Glaucoma normotensivo, cosa fare?
«Il glaucoma normotensivo è una particolare forma clinica caratterizzata da danni morfo-funzionali glaucomatosi in assenza di ipertono oculare. La fisiopatologia del danno non è nota e include: disregolazione vascolare, alterata secrezione del fluido cerebrospinale e maggiore suscettibilità al tono; associazione con la demenza senile in base a due geni coinvolti in entrambe le patologie – OPTN e TBK1», ha spiegato Arcangelo Menna, medico chirurgo oculista presso l’Ospedale SS Annunziata di Napoli.
Il danno è dato dall’aumento del tono che può avere cause vascolari, tossicità da glutammato, disfunzione mitocondriale e stress ossidativo.

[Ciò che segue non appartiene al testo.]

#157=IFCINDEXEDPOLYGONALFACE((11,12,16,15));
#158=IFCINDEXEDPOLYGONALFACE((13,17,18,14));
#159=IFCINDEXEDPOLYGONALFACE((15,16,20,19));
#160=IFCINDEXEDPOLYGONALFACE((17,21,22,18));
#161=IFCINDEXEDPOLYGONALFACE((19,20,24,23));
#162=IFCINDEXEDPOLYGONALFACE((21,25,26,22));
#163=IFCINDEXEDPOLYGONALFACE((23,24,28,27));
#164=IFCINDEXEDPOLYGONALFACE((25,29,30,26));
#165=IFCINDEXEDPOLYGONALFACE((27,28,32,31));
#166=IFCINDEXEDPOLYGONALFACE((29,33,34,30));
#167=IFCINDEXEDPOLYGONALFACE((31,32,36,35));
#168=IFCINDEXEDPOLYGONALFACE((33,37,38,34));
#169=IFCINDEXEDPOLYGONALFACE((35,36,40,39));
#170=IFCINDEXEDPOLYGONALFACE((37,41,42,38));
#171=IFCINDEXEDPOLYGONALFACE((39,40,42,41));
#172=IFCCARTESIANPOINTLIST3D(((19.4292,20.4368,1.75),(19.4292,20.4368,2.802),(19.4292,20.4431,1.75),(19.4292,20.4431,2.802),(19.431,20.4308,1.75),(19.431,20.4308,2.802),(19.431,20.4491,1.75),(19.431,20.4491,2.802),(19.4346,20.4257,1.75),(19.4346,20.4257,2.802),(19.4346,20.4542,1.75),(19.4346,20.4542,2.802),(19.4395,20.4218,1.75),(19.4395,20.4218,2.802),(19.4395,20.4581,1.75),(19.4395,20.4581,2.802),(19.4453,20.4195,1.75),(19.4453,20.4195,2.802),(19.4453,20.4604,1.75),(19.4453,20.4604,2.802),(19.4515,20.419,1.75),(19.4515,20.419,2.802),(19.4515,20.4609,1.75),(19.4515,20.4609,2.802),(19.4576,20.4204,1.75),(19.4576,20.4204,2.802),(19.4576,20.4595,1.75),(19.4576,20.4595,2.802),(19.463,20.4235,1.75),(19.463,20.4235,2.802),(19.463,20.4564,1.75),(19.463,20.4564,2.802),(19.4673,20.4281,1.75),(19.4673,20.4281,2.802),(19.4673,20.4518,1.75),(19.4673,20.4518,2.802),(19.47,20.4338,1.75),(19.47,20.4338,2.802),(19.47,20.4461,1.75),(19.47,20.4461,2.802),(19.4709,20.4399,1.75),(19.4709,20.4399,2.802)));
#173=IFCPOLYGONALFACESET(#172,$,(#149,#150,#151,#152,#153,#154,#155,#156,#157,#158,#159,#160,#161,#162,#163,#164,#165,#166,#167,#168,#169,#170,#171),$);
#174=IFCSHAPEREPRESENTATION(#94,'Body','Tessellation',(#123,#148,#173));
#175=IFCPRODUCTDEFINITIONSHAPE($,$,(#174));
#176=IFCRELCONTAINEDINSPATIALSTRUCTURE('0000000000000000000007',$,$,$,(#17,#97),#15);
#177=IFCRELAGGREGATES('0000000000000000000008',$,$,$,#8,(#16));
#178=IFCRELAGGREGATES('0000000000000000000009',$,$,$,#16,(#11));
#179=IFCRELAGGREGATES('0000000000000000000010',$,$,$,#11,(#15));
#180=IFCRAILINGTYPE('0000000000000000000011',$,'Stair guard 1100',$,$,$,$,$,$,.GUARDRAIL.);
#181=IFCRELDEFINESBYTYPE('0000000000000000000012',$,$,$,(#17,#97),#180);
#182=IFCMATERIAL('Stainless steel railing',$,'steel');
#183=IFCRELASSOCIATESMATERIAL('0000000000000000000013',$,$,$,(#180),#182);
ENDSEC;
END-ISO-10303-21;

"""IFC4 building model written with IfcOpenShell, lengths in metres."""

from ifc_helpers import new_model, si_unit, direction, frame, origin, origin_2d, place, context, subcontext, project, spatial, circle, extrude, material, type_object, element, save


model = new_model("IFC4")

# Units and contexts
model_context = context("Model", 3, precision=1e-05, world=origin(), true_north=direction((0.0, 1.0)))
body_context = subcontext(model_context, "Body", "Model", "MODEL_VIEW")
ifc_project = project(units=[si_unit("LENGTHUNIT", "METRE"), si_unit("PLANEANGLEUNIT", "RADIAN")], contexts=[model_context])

Il glaucoma normotensivo è una forma clinica che produce danni tipici del glaucoma anche in assenza di ipertono vascolare. «Da noi è meno frequente rispetto al Giappone e comunque maggiormente diffuso nel sesso femminile.
Esiste un rapporto con il fluido cerebrospinale, tanto che molti pazienti che ne sono affetti soffrono anche di Alzheimer. Ci si chiede se il danno oculare primario sia vascolare o neuronale, ma a oggi appare impossibile spiegarlo».

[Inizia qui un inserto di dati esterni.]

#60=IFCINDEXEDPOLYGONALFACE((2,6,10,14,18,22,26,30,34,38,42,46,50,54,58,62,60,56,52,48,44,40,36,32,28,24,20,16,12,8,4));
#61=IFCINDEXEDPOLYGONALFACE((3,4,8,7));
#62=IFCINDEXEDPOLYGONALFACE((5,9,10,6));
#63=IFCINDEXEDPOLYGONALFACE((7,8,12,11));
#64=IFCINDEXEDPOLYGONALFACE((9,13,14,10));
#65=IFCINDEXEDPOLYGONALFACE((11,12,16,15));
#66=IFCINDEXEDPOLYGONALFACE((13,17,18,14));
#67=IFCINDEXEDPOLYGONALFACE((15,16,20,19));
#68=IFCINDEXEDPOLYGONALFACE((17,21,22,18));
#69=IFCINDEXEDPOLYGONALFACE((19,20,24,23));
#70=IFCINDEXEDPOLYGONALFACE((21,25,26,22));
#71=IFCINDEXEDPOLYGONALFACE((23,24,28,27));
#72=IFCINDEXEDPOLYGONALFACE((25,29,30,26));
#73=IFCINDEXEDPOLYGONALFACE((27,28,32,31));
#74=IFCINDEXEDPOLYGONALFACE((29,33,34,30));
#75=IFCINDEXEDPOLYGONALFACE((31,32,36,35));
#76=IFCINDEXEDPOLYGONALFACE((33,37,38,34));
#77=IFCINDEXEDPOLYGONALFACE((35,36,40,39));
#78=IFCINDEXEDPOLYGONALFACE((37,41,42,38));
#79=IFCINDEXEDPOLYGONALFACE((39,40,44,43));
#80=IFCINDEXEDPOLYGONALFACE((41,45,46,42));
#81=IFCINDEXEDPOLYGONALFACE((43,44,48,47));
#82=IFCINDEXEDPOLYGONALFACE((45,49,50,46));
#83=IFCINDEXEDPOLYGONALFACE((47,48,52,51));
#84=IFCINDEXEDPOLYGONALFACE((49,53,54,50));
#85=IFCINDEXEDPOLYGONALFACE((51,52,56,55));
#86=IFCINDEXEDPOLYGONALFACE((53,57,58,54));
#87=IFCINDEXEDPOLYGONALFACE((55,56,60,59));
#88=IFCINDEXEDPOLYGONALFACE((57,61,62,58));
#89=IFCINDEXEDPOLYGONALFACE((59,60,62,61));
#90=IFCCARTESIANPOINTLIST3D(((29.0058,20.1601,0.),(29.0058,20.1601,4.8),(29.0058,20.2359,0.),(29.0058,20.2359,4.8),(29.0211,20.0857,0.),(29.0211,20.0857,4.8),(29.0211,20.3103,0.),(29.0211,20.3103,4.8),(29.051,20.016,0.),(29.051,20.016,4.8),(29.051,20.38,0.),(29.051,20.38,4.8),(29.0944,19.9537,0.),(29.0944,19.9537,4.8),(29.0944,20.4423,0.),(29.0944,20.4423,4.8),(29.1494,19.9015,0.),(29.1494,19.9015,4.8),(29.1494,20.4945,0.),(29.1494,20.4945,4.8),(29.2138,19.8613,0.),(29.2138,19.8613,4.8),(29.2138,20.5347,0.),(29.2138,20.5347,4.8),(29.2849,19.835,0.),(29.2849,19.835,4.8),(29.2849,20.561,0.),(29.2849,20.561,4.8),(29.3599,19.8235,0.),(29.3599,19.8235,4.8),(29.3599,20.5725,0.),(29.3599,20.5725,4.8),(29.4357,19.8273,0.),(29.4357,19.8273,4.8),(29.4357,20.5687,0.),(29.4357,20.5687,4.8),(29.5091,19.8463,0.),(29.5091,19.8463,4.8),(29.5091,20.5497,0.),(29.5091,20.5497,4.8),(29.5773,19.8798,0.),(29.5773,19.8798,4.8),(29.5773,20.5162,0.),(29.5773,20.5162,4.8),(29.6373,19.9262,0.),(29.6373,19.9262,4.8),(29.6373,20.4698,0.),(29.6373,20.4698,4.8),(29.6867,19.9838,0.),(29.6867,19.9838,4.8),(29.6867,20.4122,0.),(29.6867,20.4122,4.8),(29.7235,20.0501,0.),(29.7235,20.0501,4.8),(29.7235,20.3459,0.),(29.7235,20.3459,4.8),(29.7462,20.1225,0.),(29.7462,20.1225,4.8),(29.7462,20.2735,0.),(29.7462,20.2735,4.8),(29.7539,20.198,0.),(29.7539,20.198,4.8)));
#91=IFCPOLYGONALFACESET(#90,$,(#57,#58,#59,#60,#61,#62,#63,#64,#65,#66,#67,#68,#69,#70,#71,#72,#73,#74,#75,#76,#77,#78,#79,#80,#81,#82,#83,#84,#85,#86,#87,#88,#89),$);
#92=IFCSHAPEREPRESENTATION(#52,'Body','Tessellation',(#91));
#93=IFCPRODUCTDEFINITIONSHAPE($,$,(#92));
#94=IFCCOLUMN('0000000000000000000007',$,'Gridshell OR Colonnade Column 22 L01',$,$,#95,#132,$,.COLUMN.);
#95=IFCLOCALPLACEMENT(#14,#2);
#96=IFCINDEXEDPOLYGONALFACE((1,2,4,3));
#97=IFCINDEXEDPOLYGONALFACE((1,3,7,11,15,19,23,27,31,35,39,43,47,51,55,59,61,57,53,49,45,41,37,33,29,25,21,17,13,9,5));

Nella clinica si presentano pupille più grandi ed escavate; alla diagnosi differenziale, alterazioni cliniche come emorragie del disco ottico e mal di testa. Nel campo visivo emergono una percentuale più elevata di punti anomali nelle regioni centrali superiore e inferiore.
Obiettivo primario del trattamento è la riduzione del tono. Gli analoghi delle prostaglandine sono di gran lunga i farmaci più popolari per la gestione di questo tipo di glaucoma.
«Gli inibitori della protein chinasi associati a Rho potrebbero abbassare la IOP aumentando il deflusso dell’umore acqueo attraverso il trabecolato. Offrono anche la possibilità di neuroprotezione, un impatto favorevole sul flusso sanguigno oculare e persino un effetto antifibrotico».
La riduzione della pressione del 30% viene giudicata normale. A confondere il quadro già complesso, l’elemento che non sempre questi glaucomi peggiorano. Ridurre la pressione in modo drastico appare comunque utile.
«Si tratta quindi di una neuropatia ottica multifattoriale per la quale non esistono fattori predittivi in quanto il danno può progredire nonostante un buon controllo pressorio».
Glaucoma miopico, un caso a parte
«Il glaucoma miopico rappresenta un caso particolare, anche perché non è ancora chiara l’origine di quanto sia legato alla miopia e quanto al glaucoma», ha spiegato Paolo Lepre, oftalmologo ed esperto di glaucoma e chirurgia del glaucoma.
Alcuni studi identificano una correlazione tra miopia e glaucoma più che altro di carattere casuale: il paziente miope si sottopone a controlli con maggiore frequenza e riceve quindi una diagnosi più tempestiva.
Altri sostengono tuttavia che i soggetti con miopia elevata abbiano un rischio doppio o triplo di sviluppare glaucoma.
Altri studi, anche con campioni molto numerosi, evidenziano una miopia con un deficit di 6 o più diottrie come un fattore di rischio (è il caso degli studi Tajimi e Aravind).
Altri studi asseriscono invece il contrario.
Appare difficile una diagnosi differenziale. «È comunque esperienza comune che le miopie medio elevate rappresentino un fattore di “confusione” nella diagnosi strumentale del glaucoma. Dunque, tutti i soggetti miopi devono godere di un’attenzione maggiore da parte dell’oculista, soprattutto in presenza di fattori di rischio aggiuntivi per il glaucoma, come la familiarità», ha concluso Lepre.